Finally, some organic coatings function as selective ion-transport layers, simultaneously stabilizing the interface and improving reaction selectivity. Sun et al. designed a polyaniline (PANI) nanolayer coating on MnO₂ cathode to enhance interfacial ion transport and stability (Fig. 4g).¹²⁶ The conductive PANI layer facilitates proton conduction and acts as a selective barrier, regulating Zn²⁺ intercalation and promoting MnO₂ redeposition through the formation of Mn–N interfacial bonds and a proton-rich environment (Fig. 4h). These interfacial improvements significantly lower polarization voltage and enhance redox kinetics (Fig. 4i). As a result, the PANI-coated MnO₂ cathode with a mass loading of 23.5 mg cm⁻² demonstrated exceptional durability, delivering 171 mAh g⁻¹ at 0.03 A g⁻¹ over 110 cycles. A maximum capacity of 1.5 Ah at 0.15 mA cm⁻² with 99.1% coulombic efficiency after 11 cycles was reported in series-connected pouch cells based on PANI-coated MnO₂.

3.3. Substrates design

As discussed above, achieving uniform ion and electron distribution across the electrode is critical for high-performance MnO₂ cathodes, as it promotes efficient ion transport, mitigates local current density hotspots, and regulates reaction kinetics.^108,127 However, in conventional planar electrodes, current density often concentrates near the surface, leading to uneven utilization of active material at the top layer. To overcome this limitation, 3D current collectors are widely employed for high-loading MnO₂ electrodes.¹²⁸ Their interconnected conductive networks and large surface area redistribute electron and ion flux, enabling uniform electrochemical reactions and improved cycling stability.¹²⁹ Although the introduction of a 3D architecture inevitably increases the volume and mass of the battery, thereby reducing energy density, the resulting higher electrochemical efficiency makes such designs better suited for applications in which energy density is not the primary constraint, such as grid-scale LDES and other stationary storage systems.

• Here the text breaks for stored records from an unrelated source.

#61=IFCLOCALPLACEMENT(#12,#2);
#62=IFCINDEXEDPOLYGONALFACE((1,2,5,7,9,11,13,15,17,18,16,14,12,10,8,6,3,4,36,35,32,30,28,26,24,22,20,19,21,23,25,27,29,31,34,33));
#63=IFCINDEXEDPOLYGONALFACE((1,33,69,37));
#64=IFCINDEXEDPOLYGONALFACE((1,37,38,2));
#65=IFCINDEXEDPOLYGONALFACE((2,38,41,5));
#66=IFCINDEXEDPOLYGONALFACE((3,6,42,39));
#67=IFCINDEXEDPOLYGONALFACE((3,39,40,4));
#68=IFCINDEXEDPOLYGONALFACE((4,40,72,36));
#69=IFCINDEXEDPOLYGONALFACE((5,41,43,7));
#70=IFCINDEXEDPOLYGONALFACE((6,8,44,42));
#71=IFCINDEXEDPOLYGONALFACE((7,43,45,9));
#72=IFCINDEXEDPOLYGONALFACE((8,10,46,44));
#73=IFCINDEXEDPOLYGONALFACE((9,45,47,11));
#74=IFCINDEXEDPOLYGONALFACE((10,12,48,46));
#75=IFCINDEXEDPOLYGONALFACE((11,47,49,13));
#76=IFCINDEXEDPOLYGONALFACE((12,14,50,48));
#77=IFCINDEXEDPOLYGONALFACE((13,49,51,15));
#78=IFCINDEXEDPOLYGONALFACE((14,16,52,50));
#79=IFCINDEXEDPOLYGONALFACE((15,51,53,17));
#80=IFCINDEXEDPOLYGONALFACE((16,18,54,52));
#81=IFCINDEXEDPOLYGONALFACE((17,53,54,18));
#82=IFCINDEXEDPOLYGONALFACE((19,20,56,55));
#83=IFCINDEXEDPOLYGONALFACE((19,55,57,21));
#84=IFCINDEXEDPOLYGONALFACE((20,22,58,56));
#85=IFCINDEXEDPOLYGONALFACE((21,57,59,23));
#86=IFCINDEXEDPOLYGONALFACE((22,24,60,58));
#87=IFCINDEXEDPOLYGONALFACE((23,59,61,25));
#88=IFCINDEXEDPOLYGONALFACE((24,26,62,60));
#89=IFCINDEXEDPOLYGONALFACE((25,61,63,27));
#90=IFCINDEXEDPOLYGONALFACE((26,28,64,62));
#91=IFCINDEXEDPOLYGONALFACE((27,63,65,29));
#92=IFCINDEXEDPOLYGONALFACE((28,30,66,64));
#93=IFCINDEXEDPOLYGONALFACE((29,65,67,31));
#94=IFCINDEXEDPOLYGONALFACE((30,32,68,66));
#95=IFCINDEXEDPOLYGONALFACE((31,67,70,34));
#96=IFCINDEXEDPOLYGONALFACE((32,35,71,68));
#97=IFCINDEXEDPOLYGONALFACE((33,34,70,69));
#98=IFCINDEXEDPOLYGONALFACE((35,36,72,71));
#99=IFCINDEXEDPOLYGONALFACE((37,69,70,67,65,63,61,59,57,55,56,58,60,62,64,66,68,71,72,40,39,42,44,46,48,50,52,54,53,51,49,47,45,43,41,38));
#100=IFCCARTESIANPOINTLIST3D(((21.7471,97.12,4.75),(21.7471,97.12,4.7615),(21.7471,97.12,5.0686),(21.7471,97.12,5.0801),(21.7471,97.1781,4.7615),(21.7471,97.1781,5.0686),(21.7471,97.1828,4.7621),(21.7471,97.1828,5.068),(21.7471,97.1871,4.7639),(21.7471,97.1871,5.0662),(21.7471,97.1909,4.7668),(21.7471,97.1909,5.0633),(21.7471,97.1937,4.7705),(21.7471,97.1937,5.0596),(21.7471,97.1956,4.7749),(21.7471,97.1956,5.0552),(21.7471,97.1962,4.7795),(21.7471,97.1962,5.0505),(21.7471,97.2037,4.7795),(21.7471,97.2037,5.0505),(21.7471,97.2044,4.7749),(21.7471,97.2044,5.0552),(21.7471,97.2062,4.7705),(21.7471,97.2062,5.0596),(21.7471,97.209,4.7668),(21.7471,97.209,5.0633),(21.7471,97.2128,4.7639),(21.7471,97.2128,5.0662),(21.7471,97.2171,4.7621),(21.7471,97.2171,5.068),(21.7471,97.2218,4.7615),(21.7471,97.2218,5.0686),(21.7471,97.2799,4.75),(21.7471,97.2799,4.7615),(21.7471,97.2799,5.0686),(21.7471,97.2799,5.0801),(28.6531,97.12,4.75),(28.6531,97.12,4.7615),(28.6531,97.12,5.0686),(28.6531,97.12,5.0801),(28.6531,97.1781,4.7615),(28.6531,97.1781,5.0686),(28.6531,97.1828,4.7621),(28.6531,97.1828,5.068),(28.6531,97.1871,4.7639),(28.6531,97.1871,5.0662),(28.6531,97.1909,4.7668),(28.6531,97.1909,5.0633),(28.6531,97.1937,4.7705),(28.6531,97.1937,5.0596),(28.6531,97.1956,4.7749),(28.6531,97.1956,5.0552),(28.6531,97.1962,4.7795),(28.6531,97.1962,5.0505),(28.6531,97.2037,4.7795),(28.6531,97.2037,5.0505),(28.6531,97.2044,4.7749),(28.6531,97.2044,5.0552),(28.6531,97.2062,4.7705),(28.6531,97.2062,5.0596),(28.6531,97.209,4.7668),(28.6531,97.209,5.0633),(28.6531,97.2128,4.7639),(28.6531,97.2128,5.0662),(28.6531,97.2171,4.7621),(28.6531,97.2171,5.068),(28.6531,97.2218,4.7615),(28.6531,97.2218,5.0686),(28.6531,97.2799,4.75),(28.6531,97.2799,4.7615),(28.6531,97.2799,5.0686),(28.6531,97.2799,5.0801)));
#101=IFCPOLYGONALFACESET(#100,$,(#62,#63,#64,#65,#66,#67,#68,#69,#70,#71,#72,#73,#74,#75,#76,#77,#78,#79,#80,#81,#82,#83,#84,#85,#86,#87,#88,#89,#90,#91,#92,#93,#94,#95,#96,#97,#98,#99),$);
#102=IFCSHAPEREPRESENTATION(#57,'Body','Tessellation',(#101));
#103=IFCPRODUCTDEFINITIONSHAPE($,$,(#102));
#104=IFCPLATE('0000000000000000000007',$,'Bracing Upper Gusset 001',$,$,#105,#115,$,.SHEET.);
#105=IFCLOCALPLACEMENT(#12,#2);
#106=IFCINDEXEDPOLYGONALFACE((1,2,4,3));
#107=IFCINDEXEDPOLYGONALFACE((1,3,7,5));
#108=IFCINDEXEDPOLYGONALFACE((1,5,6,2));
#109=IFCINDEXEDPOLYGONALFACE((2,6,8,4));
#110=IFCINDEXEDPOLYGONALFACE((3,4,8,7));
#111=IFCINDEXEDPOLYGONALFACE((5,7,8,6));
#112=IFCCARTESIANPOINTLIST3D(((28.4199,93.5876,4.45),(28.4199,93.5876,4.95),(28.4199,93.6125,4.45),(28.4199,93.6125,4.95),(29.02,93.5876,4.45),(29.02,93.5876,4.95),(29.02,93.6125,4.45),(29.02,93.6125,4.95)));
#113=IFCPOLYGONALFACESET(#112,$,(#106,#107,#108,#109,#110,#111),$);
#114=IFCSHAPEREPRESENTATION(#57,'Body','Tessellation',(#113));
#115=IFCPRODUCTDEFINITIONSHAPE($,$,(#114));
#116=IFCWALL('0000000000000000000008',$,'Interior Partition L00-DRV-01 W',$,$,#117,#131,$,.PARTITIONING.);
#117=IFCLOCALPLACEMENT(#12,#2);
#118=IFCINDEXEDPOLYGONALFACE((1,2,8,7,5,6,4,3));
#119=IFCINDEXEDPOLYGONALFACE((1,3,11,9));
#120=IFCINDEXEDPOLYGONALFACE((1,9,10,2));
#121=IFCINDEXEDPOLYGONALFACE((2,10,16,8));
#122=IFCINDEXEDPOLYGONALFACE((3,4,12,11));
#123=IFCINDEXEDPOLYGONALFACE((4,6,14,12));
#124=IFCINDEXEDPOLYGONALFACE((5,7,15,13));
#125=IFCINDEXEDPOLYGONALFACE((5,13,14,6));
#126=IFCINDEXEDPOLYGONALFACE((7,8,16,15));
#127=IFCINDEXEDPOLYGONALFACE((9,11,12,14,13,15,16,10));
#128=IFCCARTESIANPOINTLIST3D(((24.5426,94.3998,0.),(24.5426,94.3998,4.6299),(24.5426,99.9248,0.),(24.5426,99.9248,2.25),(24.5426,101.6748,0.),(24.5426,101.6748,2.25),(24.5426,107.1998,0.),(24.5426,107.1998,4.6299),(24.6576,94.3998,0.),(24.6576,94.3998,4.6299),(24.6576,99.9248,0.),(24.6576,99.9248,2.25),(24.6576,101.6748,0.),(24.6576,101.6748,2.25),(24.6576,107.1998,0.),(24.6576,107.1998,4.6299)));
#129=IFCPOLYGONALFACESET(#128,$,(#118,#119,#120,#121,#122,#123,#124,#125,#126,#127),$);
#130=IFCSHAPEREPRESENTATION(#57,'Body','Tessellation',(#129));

Carbon-based substrates are widely used for this purpose due to their flexibility, mechanical strength, moderate porosity, and good electrical conductivity. In addition, their lightweight nature, cost-effectiveness, and chemical stability in acidic electrolytes make them more attractive than metallic substrates. Typically, MnO₂ is integrated onto carbon scaffolds such as carbon cloth,^130–132 carbon felt,^7,133 and carbon paper,^134,135 which serve as cathodes in AZIB research or as deposition substrates in electrolytic Zn–MnO₂ batteries, where the cell is first charged to electrodeposit MnO₂ to achieve high areal loadings.

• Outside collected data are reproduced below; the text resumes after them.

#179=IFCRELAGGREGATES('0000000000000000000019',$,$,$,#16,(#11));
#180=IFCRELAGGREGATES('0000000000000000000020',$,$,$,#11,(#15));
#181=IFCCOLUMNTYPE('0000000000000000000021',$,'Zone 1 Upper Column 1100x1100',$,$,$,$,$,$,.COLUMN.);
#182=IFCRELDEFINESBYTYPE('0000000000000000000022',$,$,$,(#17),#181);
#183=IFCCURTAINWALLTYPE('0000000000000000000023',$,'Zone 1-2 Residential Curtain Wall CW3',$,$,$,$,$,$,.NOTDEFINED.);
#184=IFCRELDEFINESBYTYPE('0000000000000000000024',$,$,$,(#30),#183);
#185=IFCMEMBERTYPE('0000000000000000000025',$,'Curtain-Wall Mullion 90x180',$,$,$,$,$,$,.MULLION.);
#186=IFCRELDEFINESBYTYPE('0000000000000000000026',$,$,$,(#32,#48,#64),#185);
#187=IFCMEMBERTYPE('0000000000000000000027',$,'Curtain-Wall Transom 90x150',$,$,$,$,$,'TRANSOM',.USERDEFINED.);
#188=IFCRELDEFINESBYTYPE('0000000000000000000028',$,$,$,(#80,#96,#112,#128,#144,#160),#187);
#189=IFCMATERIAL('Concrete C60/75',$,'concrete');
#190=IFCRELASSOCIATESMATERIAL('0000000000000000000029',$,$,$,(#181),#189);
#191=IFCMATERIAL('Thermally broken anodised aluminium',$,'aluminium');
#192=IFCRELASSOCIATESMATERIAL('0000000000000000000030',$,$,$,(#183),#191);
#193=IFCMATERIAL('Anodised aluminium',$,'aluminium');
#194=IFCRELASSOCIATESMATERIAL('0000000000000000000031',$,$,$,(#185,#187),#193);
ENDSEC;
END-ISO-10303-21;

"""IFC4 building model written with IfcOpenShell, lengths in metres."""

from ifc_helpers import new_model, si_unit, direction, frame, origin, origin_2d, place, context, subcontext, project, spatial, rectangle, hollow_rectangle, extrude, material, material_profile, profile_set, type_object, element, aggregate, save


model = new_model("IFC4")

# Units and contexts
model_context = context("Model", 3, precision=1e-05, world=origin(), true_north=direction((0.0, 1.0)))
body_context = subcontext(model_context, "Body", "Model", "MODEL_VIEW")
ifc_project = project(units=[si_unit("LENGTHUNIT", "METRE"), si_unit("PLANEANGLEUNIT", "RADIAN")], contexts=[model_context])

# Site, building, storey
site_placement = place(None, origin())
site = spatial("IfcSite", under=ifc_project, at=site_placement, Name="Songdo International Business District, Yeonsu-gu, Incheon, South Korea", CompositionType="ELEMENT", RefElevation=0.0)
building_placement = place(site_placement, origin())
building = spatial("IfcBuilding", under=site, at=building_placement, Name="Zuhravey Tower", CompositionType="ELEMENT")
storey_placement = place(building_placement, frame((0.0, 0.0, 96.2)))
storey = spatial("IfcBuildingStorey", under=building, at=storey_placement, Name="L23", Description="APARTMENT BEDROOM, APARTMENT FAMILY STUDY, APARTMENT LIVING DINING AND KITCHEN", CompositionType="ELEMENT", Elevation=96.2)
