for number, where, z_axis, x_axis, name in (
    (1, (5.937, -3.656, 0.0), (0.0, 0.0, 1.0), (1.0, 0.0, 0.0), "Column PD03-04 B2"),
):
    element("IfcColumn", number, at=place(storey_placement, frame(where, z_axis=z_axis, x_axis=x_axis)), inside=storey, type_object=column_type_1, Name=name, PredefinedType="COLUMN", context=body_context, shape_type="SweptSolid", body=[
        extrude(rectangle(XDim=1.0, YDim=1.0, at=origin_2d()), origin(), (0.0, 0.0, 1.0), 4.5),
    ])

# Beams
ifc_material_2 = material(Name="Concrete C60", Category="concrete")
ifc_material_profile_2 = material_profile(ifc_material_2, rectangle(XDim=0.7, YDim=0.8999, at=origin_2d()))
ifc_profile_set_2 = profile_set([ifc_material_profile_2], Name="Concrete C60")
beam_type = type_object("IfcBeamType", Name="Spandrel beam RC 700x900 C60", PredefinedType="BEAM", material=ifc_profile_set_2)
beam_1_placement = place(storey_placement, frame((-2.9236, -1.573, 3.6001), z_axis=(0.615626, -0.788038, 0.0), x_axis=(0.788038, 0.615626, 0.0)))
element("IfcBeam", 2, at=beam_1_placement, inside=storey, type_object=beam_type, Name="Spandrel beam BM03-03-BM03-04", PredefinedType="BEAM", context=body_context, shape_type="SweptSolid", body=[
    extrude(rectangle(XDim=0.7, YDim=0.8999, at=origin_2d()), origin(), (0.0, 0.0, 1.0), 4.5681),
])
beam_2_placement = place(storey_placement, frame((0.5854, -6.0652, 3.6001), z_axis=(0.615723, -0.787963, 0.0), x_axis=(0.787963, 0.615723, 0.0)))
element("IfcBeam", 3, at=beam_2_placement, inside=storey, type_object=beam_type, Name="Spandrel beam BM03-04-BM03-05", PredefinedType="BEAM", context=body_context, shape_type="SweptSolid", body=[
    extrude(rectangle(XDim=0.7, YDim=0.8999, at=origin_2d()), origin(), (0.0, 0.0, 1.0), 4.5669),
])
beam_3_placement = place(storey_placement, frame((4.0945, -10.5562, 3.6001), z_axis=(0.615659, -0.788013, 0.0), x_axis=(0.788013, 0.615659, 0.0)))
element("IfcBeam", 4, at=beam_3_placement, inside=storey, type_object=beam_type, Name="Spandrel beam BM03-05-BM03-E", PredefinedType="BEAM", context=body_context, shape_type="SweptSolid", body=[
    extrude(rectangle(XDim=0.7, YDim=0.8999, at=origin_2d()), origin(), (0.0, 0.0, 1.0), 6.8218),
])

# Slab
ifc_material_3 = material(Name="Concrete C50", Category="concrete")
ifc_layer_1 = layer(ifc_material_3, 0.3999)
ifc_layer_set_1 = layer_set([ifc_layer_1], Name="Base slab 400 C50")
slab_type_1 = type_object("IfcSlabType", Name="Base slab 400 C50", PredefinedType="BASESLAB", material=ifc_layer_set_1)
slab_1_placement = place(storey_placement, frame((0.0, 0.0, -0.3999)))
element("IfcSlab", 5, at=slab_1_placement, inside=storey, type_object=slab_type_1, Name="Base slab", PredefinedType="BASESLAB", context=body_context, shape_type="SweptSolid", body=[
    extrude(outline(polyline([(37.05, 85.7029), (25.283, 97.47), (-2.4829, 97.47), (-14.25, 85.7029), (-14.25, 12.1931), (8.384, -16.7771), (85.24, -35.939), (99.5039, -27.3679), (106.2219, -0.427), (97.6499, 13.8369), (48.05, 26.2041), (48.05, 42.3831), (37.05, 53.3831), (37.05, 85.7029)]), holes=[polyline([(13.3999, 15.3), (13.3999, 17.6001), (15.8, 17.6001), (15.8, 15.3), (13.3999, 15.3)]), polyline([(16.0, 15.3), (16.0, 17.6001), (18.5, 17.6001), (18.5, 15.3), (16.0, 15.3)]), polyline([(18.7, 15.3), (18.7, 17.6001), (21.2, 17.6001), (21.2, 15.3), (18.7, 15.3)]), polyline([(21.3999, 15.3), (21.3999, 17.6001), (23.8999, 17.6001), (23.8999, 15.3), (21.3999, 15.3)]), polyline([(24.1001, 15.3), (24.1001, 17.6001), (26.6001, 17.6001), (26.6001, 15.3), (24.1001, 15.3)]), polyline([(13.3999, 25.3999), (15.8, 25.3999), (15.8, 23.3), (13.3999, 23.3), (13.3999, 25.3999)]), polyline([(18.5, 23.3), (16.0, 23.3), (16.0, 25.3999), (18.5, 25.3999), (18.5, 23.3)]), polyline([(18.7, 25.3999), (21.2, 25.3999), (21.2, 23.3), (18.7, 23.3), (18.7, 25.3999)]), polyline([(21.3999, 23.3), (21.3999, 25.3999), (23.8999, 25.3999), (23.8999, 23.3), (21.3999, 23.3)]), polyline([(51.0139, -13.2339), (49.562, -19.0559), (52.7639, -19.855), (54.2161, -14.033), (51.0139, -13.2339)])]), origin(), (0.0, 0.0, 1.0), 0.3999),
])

As uniform electrodeposition is critical for achieving highly reversible MnO₂ utilization, the growing interest in high areal-capacity Zn–MnO₂ batteries has intensified efforts to understand how the morphology and surface chemistry of current collectors govern deposition behavior. For example, Majumder et al. systematically studied MnO₂ electrochemistry on various carbon substrates, including carbon cloth, graphite felt, and carbon nanotube (CNT) frameworks.¹³⁶ Their findings revealed that defect-rich surfaces with abundant oxygen-containing functional groups in carbon cloth and graphite felt promote better ionic transport and faster deposition–dissolution compared to CNTs.

Additionally, Li et al. demonstrated that at high deposition capacities, MnO₂ becomes increasingly susceptible to nonuniform deposition, which promotes stress accumulation and ultimately leads to crack formation in dense MnO₂ layers. Such deposition-heterogeneity-induced material detachment was identified as a primary cause of capacity fading and poor cycling stability (Fig. 5a).⁸⁷ Specifically, large cracks appeared after depositing 10 mAh cm⁻² of MnO₂ on pristine carbon fiber (PCF), which subsequently led to bulk MnO₂ detachment during discharge (Fig. 5b). To address this, they introduced CNT frameworks onto carbon felt (CNT/CF) via in situ vapor-phase growth, guiding the uniform deposition of porous MnO₂ and thus alleviating mechanical stress. As a result, the electrode exhibited crack-free MnO₂ deposition even after plating 40 mAh cm⁻² (Fig. 5c), and the full cell achieved stable cycling over 200 cycles at a high areal capacity of 15 mAh cm⁻².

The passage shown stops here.